WHO IS A VIOLENT EXTREMIST?

 In Criminal Profiling, FAQ, Right Wing Extremism, Violent Extremism

Violent extremism is a broad church, with membership encompassing different types or categories of individuals and groups ranging from terrorists (politically-motivated), right/left-wing militants (ideologically-motivated), to active shooters (socially-motivated).  These categorical boundaries are often more fluid, blurred, multi-factorial and random in reality with crossovers between terrorist-type acts committed by militants (eg. Anders Breivik in Norway in 2011) and school shooters (eg. Columbine massacre in 1999) as well as other forms of mass killings such as deadly riots, fatal stabbings and so forth.  Such fixed categorical distinctions fail to capture the degree to which all  violently extreme incidents are influenced by political-ideological-social-cultural factors, antecedents, and other idiosyncratic drivers.

However, each of these groups of violent extremists has quite distinctive features at the level of specific characteristics like age, motivation, personality type, psychological characteristics, mental state, intelligence, socio-cultural background, political affiliation, and so forth.  The box is indicative of the wide variance ‘in’ and ‘between’ the three primary groups of violent extremists – terrorists, militants and shooters.

 

As can be seen, the motivations, issues, and tactics are vastly different for each group and become more uniquely particular to individuals as the level of abstraction moves further down the line from general to specific characteristics and features.[1]

The essential ‘take-home’ message of this categorical continuum is that at the highest level of generality what ‘unites’ these three disparate groups is their willingness to use and engage in violent and extreme actions to achieve their very different objectives.

The common denominator between terrorists, militants and shooters is their ‘cognitive willingness’ towards violent extremism.  Willingness is about ‘beliefs’ which reside in the minds of individuals.  Beliefs are firmly held convictions that one accepts something as true or real, generally without definitive proof of its existence.

A conceptual distiction needs  to be made here about the very term ‘beliefs’ as it is often associated with the notion of ‘ideology’ , especially in the political science literature where ideology is seen as a system of political beliefs.  Whilst, the notion of a ‘political’ set of ‘beliefs’ may well hold true for militants and terrorists, it may be less applicable to active shooters, where revenge, rage, uncontrollable anger and exacting retribution for ‘perceived’ wrongs provides the motivational fuel for violently extreme acts rather than a set of through out and strongly held ‘potitical beliefs’.

Hence, for a violent extremist the ‘cognitive willingness’ to use lethal violence is more about a ‘personal’ set of ‘beliefs’ that may or may not be mixed with ‘political’ or ‘ideological’ dogma.

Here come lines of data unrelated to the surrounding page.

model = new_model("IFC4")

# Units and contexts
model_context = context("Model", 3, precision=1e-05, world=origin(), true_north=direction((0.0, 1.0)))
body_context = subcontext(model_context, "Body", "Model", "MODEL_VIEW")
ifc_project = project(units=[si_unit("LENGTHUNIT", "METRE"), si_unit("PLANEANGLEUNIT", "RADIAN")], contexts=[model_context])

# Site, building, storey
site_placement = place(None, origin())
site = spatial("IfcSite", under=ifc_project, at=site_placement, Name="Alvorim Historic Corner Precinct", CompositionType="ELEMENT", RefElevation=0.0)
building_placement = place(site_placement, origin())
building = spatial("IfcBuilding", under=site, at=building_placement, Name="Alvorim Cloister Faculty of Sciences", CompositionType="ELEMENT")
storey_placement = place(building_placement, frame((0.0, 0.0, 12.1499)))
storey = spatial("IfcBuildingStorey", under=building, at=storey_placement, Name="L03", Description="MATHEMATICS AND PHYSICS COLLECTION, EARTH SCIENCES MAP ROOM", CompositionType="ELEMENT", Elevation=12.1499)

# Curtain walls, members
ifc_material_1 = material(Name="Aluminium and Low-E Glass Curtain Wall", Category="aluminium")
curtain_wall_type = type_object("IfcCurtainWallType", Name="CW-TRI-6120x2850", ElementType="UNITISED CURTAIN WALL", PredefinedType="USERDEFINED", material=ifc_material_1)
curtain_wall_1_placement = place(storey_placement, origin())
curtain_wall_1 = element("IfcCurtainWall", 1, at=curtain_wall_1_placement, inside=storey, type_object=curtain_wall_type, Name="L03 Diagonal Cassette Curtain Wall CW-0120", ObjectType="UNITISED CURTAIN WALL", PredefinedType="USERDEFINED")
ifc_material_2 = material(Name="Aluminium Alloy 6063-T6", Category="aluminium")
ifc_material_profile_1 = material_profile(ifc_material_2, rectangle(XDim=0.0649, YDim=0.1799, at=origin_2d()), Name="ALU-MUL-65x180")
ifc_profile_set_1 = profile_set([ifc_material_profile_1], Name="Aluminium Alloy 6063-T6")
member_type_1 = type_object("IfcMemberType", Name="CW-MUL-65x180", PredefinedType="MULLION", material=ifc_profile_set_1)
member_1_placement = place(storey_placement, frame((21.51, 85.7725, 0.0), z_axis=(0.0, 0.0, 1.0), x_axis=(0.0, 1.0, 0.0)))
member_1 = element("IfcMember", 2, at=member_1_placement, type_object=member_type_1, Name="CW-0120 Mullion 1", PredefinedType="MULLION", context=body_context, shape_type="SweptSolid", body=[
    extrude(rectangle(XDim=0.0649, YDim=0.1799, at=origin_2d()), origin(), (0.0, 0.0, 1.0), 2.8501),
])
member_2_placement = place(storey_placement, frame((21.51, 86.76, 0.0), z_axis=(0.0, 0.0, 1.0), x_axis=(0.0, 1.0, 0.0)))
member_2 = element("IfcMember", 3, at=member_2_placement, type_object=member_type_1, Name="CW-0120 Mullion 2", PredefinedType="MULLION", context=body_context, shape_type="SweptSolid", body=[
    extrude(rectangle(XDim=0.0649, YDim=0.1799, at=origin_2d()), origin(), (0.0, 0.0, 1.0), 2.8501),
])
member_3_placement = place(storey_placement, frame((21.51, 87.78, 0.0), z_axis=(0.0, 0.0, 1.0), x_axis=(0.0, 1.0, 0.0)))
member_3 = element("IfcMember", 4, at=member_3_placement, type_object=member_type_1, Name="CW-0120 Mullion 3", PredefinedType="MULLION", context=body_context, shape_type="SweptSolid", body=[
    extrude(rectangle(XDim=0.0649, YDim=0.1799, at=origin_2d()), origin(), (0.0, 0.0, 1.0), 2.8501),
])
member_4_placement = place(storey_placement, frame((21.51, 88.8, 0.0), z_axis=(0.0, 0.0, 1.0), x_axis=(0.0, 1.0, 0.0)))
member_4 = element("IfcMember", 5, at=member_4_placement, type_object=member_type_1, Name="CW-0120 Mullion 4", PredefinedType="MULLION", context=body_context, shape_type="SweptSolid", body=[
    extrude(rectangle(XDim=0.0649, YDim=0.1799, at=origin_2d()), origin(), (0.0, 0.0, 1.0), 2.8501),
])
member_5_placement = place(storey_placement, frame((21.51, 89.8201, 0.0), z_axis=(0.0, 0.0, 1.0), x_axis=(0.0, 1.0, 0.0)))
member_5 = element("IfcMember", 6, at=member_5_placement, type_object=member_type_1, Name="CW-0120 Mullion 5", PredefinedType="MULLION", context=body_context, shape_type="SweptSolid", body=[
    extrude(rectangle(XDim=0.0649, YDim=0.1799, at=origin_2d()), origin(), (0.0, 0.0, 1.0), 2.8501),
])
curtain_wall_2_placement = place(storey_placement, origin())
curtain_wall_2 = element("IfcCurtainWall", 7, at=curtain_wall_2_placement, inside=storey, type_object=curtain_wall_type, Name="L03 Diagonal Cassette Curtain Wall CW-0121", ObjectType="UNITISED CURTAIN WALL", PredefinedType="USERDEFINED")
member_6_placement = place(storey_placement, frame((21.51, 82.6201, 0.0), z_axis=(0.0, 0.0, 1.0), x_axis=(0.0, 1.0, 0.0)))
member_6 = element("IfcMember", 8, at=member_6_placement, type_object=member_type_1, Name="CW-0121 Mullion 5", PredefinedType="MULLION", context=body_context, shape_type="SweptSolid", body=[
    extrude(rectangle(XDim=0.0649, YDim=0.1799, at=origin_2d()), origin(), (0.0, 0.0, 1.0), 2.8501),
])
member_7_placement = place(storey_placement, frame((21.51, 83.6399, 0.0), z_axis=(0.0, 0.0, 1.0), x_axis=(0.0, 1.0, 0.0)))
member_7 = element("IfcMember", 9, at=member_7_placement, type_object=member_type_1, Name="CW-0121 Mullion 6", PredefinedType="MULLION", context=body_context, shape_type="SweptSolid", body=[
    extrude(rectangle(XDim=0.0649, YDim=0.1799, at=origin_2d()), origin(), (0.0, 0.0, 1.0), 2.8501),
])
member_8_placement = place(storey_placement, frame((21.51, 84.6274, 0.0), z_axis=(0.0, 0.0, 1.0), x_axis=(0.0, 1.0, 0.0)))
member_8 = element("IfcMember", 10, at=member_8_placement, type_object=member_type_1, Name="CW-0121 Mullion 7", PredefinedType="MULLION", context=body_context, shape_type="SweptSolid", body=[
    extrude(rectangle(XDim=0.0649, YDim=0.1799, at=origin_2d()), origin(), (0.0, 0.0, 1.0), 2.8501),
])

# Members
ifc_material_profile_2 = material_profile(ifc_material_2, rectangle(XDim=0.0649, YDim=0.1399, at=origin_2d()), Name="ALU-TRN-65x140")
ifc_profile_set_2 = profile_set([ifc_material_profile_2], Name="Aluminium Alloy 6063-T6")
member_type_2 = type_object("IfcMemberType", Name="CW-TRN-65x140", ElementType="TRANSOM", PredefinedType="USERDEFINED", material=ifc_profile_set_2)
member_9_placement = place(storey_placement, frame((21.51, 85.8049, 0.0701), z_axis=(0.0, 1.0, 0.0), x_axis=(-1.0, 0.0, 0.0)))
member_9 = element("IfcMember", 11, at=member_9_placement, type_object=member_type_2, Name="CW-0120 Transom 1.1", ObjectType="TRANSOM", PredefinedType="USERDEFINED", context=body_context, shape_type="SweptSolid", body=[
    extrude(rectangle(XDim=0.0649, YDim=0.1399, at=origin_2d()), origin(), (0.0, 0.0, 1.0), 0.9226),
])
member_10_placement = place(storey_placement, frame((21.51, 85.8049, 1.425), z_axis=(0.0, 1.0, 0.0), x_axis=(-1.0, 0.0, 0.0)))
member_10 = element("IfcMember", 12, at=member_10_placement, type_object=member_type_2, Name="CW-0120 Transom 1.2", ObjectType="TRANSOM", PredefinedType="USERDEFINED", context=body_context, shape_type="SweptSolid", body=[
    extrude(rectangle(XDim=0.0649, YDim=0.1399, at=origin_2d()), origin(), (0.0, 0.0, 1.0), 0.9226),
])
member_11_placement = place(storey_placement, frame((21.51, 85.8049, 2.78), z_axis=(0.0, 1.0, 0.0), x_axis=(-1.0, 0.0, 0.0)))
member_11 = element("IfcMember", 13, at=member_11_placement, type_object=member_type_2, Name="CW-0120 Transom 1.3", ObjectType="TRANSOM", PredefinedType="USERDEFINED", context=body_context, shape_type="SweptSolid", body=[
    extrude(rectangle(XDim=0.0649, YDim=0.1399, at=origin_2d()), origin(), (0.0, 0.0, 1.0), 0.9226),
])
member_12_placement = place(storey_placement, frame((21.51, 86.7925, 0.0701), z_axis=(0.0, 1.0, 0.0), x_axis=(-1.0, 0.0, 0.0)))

Thus, at a higher conceptually abstract level, what unites – terrorists, militants and shooters – is the set of personal, cognitive, beliefs they hold that justify the use of extreme violence, ever where there is considerable variance between them at the more specific motivational level of political, ideological beliefs.

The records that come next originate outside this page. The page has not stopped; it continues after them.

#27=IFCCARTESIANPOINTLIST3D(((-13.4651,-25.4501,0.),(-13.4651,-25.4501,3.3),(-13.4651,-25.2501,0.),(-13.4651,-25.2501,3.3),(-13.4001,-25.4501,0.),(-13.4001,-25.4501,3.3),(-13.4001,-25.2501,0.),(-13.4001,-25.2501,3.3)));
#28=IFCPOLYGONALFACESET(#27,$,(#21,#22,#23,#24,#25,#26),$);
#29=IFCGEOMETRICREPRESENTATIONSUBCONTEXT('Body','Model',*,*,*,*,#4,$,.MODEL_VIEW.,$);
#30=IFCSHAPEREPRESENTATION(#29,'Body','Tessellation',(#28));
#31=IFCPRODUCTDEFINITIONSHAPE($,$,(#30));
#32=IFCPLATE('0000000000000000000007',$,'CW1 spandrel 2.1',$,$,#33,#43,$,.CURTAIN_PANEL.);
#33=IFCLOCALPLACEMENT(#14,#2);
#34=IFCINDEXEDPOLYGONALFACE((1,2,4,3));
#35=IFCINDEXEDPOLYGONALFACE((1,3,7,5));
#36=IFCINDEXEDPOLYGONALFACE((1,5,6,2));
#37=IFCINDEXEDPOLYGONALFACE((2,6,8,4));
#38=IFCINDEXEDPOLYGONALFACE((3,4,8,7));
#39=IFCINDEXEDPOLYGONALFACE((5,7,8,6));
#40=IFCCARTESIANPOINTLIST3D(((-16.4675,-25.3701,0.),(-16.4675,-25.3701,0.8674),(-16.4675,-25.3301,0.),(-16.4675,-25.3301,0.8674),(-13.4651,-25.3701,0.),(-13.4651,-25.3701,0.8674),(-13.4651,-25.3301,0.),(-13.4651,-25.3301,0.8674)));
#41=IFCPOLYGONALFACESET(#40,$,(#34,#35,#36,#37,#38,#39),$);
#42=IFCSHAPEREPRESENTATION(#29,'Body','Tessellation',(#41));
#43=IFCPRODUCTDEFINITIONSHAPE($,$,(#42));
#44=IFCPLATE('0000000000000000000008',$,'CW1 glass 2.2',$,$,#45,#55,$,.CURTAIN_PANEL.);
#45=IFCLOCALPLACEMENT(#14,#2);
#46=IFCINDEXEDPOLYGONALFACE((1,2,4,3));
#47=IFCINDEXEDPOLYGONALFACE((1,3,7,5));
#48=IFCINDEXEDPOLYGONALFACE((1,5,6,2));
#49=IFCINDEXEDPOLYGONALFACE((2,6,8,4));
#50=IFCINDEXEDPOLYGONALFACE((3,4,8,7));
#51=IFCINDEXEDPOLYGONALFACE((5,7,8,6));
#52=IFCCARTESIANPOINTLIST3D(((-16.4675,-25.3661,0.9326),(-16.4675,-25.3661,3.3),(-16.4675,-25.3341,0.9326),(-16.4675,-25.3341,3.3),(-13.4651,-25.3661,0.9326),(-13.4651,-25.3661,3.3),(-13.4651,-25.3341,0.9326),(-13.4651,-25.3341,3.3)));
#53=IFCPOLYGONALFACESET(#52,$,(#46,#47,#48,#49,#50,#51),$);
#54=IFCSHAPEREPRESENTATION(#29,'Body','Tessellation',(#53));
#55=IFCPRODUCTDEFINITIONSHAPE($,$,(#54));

A further distinction is necessary here in relation to individuals regarded a ‘violent extremists’ and ‘terrorists’ by virtue of being found to be ‘associated’ with a terrorist/militant/extremist group, cell or network but who for a multiplicity of reasons don’t actually subscribe to a personal, cognitive set of violently extreme beliefs. Such individual are often just plain ‘caught up’ in a terrorist/militant/extremist gang/group/cell/or network.

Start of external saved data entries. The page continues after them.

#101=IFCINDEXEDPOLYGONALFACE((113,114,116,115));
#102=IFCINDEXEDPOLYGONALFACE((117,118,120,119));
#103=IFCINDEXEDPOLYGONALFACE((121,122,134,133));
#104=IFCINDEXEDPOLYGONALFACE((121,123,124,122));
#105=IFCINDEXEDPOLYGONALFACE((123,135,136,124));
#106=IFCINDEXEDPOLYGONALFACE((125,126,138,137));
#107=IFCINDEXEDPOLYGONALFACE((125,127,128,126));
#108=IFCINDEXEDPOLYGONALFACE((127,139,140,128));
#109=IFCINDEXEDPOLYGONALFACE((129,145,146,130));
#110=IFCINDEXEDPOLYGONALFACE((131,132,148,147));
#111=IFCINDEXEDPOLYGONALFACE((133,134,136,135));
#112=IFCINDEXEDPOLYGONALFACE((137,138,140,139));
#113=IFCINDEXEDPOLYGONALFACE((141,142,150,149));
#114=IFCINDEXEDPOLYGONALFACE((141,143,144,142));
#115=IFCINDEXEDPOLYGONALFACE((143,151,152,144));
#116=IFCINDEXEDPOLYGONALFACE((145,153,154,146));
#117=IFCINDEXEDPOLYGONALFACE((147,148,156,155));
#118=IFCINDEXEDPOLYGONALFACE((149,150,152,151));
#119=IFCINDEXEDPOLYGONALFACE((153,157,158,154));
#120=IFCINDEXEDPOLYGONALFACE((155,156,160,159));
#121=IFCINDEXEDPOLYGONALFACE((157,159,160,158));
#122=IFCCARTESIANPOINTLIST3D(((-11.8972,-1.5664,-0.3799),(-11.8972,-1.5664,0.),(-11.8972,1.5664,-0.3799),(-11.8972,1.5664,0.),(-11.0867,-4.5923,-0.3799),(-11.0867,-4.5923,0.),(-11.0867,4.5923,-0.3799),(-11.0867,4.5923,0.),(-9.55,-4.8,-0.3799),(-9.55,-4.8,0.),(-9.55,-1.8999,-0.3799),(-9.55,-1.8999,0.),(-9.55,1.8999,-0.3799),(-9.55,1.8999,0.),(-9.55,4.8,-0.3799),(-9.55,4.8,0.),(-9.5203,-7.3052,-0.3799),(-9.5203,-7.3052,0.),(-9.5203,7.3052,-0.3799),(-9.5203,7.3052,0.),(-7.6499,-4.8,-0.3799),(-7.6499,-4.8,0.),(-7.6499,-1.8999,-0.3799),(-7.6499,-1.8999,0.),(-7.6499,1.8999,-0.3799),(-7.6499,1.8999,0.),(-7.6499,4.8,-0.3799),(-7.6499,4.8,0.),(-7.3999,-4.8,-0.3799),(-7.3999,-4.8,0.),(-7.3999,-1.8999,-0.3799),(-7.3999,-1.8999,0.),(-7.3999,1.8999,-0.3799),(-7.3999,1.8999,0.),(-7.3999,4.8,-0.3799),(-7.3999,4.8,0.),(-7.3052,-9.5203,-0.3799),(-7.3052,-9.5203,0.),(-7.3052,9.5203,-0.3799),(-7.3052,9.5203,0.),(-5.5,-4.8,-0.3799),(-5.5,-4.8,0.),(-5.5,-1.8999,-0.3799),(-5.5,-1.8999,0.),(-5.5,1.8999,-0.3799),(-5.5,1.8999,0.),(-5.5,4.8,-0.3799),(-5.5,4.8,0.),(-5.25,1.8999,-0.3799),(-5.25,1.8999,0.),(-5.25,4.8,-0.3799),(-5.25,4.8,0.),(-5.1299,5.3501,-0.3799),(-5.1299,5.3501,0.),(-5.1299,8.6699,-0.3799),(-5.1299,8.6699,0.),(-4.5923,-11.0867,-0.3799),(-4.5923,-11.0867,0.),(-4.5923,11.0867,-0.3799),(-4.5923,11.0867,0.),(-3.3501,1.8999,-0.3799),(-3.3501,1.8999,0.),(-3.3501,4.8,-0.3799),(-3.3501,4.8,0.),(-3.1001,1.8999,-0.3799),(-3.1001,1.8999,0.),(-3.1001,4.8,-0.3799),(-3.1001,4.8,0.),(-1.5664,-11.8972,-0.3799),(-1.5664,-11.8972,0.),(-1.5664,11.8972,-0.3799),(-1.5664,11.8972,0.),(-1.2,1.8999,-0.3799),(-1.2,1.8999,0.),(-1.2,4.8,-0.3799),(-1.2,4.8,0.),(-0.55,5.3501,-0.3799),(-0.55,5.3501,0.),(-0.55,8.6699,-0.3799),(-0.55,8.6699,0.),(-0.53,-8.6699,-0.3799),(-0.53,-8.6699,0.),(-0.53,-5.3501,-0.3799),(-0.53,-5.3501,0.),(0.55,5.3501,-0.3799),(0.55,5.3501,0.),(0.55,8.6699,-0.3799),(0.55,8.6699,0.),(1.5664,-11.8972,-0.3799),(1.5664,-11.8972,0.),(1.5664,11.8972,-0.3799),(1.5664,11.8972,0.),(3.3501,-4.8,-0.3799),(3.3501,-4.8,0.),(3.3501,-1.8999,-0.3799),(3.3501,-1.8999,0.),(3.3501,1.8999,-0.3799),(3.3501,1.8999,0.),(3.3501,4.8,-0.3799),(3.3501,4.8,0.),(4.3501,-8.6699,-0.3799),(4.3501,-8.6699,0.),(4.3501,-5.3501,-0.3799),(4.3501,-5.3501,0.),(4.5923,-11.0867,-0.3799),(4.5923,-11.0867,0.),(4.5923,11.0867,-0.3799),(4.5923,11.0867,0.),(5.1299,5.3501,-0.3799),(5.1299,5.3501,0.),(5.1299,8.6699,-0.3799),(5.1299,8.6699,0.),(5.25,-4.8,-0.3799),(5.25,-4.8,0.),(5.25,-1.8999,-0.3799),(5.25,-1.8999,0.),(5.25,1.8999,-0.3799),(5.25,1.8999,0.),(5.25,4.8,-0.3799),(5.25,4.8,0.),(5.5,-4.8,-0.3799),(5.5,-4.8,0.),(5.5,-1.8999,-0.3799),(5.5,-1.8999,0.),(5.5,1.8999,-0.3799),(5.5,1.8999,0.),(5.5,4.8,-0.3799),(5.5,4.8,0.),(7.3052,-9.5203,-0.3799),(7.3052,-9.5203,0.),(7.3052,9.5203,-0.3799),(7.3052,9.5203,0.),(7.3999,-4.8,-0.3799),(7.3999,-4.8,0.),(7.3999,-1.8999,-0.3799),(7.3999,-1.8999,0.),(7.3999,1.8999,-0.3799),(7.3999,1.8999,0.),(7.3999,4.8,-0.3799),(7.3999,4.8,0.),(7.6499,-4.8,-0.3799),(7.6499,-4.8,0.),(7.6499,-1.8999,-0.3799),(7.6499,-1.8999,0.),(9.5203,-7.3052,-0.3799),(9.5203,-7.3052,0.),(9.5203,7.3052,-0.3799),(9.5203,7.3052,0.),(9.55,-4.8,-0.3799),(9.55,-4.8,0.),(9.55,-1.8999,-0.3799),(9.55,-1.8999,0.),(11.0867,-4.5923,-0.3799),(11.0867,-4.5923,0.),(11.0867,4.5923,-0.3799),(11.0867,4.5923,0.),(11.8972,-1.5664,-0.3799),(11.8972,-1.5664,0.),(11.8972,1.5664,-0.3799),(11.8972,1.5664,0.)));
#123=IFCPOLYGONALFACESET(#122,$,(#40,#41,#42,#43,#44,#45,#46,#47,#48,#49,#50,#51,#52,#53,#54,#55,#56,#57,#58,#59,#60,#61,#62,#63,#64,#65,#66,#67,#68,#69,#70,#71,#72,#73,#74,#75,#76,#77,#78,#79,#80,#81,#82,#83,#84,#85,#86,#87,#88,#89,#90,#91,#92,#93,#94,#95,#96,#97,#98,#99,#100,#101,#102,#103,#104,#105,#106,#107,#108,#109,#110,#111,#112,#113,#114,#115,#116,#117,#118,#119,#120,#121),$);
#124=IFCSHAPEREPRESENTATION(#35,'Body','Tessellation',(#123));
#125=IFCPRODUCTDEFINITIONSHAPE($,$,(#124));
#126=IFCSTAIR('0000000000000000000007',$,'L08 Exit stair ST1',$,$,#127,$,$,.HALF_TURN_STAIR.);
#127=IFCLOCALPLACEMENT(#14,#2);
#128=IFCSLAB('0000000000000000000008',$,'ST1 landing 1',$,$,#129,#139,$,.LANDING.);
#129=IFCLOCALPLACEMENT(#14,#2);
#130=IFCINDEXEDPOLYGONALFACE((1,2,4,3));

In other words, ‘associating’ with a terrorist/militant/extremist gang does not automatically make one a ‘true believer’.   Individuals join terrorist/extremist cells for often mundane reasons like a sense of adventure, to get employment, to have an identity, or to give their life some meaning.  Therefore, in theory, such individuals should be more ‘cognitively open’ to disengagement as they don’t need to be ‘deradicalised’ as much as a ‘true believer’ would.  If having to potentially kill someone is the price to be paid for adventure, fun, excitement or employment, then so be it.  Of course, the risk is still there, whether they are a ‘true believer’ or not makes little difference to a target.

 

References

Department of Homeland Security. (2012). Case Studies on Violent Extremism.  Retrieved April 4, 2012 from http://www.dhs.gov/news/2012/06/22/statement-record-principal-deputy-counterterrorism-coordinator-john-cohen-house.

[1] The Department of Homeland Security has developed a number of case studies on violent extremism groups like violent anarchists, racist skinheads, and sovereign citizen extremists (DHS, 2012).